FIG. 7 shows the examples of the values to which the various parameters are set in the steps in the flowcharts in FIGS. 5 and 6. FIG. 7(a) is a table to be used for setting the target temperature value according to the environmental conditions, and FIG. 7(b) is a table to be used for setting the target value for the length of time the temperature maintaining routine is to be continued, according to the environmental conditions.


Referring to FIG. 7, the values for the target temperature level are set according to the various combinations between the environmental temperature ranges (−18° C./19-28° C./29° C.-) and humidity ranges (−35%/36-65%/66%-). The values provided in FIG. 7(b) for the length of the temperature maintaining routine do not represent the actual length of time, but, the number of times the recording head temperature is found to be higher than the target level, concurring with the second temperature control stage shown in FIG. 6. The interval with which the recording head temperature is read during this temperature control stage is set to 30 ms. Thus, when the environmental condition is in Combination A, for example, the duration of the temperature maintaining routine is slightly longer than 3 seconds.

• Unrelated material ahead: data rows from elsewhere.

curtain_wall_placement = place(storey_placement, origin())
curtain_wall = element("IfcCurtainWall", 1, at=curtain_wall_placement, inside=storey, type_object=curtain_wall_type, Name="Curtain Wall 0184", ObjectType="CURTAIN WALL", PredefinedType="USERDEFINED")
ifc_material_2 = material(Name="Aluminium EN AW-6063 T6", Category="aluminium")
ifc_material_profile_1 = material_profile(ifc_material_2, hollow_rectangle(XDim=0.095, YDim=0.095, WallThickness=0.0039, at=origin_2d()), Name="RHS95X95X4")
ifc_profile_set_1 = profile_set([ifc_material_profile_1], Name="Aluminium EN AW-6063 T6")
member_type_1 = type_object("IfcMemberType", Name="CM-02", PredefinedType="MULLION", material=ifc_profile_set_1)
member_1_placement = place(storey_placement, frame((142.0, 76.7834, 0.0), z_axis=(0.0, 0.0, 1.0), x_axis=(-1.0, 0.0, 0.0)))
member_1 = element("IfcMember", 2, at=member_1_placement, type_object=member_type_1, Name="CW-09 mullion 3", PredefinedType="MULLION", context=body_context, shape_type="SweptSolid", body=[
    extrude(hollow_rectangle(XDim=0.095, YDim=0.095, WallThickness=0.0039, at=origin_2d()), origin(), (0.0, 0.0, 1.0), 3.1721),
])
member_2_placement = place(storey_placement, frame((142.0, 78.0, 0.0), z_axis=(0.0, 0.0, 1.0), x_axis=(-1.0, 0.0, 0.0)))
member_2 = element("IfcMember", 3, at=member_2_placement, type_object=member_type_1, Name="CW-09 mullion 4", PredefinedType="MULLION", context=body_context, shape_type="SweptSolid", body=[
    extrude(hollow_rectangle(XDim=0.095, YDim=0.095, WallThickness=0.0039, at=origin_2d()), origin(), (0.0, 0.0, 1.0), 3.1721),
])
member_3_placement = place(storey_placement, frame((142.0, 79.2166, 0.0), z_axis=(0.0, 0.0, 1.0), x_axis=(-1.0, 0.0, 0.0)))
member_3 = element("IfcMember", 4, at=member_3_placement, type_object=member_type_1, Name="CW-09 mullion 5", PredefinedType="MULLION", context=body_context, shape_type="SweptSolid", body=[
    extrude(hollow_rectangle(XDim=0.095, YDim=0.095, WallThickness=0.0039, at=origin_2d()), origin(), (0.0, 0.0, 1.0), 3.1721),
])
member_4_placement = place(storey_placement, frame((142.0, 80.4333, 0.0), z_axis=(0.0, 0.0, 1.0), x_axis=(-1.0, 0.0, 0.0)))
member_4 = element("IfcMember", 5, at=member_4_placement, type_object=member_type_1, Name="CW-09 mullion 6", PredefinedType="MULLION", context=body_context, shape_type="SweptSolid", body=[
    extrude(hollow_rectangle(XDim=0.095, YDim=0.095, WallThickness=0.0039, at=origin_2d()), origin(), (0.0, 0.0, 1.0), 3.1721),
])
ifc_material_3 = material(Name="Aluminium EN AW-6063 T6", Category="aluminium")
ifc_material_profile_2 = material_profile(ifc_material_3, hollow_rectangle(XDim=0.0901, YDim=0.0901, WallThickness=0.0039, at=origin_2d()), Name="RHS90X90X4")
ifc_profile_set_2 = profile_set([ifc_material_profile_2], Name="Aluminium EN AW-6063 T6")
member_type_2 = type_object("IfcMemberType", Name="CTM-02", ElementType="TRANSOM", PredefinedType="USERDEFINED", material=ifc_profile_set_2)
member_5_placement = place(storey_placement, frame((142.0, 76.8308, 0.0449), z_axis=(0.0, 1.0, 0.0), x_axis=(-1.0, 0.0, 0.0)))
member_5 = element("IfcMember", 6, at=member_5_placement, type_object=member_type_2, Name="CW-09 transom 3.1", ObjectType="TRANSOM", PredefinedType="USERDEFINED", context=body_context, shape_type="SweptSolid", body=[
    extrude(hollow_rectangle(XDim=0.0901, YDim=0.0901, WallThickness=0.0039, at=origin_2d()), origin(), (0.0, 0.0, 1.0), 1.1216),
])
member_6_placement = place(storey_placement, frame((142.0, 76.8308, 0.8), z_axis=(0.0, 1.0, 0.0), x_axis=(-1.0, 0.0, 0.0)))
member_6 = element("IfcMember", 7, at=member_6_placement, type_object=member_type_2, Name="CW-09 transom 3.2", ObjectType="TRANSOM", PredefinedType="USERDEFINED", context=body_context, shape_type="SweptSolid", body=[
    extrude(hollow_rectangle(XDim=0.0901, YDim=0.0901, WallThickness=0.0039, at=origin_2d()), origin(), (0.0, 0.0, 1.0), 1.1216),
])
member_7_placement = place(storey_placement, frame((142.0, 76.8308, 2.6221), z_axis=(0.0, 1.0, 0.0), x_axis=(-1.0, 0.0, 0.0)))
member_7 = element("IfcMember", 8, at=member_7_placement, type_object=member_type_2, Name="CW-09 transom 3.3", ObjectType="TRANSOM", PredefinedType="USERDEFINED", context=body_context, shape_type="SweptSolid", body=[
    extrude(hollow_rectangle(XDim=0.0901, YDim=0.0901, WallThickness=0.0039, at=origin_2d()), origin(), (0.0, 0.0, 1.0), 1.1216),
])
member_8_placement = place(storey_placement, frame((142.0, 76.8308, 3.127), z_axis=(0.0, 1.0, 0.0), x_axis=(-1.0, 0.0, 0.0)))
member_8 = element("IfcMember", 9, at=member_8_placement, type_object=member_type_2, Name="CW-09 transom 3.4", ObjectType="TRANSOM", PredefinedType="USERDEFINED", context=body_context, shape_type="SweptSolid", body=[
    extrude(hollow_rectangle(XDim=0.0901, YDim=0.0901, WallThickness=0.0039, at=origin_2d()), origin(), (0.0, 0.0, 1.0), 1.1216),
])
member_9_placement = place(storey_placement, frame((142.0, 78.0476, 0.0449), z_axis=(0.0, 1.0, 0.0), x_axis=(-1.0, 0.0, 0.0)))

FIG. 8 shows the relationship between the recording head temperature and the ink jetting performance of the recording head. This relationship is used to create the tables in FIG. 7.


Referring to FIG. 8, the horizontal axis represents the recording head temperature, and the vertical axis represents the ink jetting performance of the recording head at the beginning of a recording operation. The bold black line represents an ink jetting performance level of 1.4, which is the borderline level. That is, if the ink jetting performance of the recording head is no higher than 1.4, it is determined that the recording head is unsatisfactory in ink jetting performance. The ink jetting performance level is calculated based on the length of time it took for the ink jetting performance of the recording head to decline to a level at which the recording head fails to satisfactorily jet the first ink dot droplet after the completion of the pre-recording operation recording head controlling sequence. The graph shows that the greater the numerical value, the better the ink jetting performance of the recording head at the beginning of a recording operation. The ink jetting performance of the recording head is affected by the ambience of the recording head. Thus, FIG. 8 shows the relationships between the ink jetting performance of the recording head and recording head temperature when the environmental condition of the recording head is Combination A (−18° C./−35% in environmental temperature and humidity), and when it is Combination E (19-28° C./36-65% in environmental temperature and humidity). From FIG. 8, in Condition A, as the recording head temperature is no less than roughly 55° C., the ink jetting performance of the recording head is greater than 1.4, above which the performance is normal. Therefore, when the environmental condition is Combination A, the target temperature level should be set to 55° C. Similarly, when the environmental condition is Combination E, the target temperature level, that is, the temperature level above which the recording head is normal in ink jetting performance, is to be set to 45° C.


However, in the situation in which control must be executed to increase the recording head temperature, there is an undesirable possibility that a problem will occur because the temperature of the recording head becomes excessively high. The studies made by the inventors of the present invention revealed that in the case of a recording head, such as the recording head, the characteristics of which are shown in FIG. 8, if the recording head temperature is higher than 50° C., it tends to form abnormal images at the beginning of a recording operation, which had been known from another study. On the other hand, the studies revealed that even if the target temperature level is the same, that is, 50° C., the provision of the temperature maintaining routine, can improve the ink jetting performance of the recording head, as indicated by an arrow mark in the drawing, without raising the recording head temperature to 55° C. In other words, the problem that an ink jet recording apparatus yields unsatisfactory images because of the excessive increase in the recording head temperature can be prevented by combining the heating operation for increasing the recording head temperature to a target temperature, with the heating operation for maintaining the recording head temperature at the target temperature, instead of abruptly increasing the recording head temperature immediately before the start of a recording operation. The heat given to the recording head before the start of a recording operation is diffused during the temperature maintaining period provided during the control stage referred to as temperature maintenance routine in the present invention. Therefore, the recording head becomes uniform in internal temperature at the target level for the satisfactory jetting of ink, making it unnecessary for the recording head to be heated to a temperature level higher than the target level.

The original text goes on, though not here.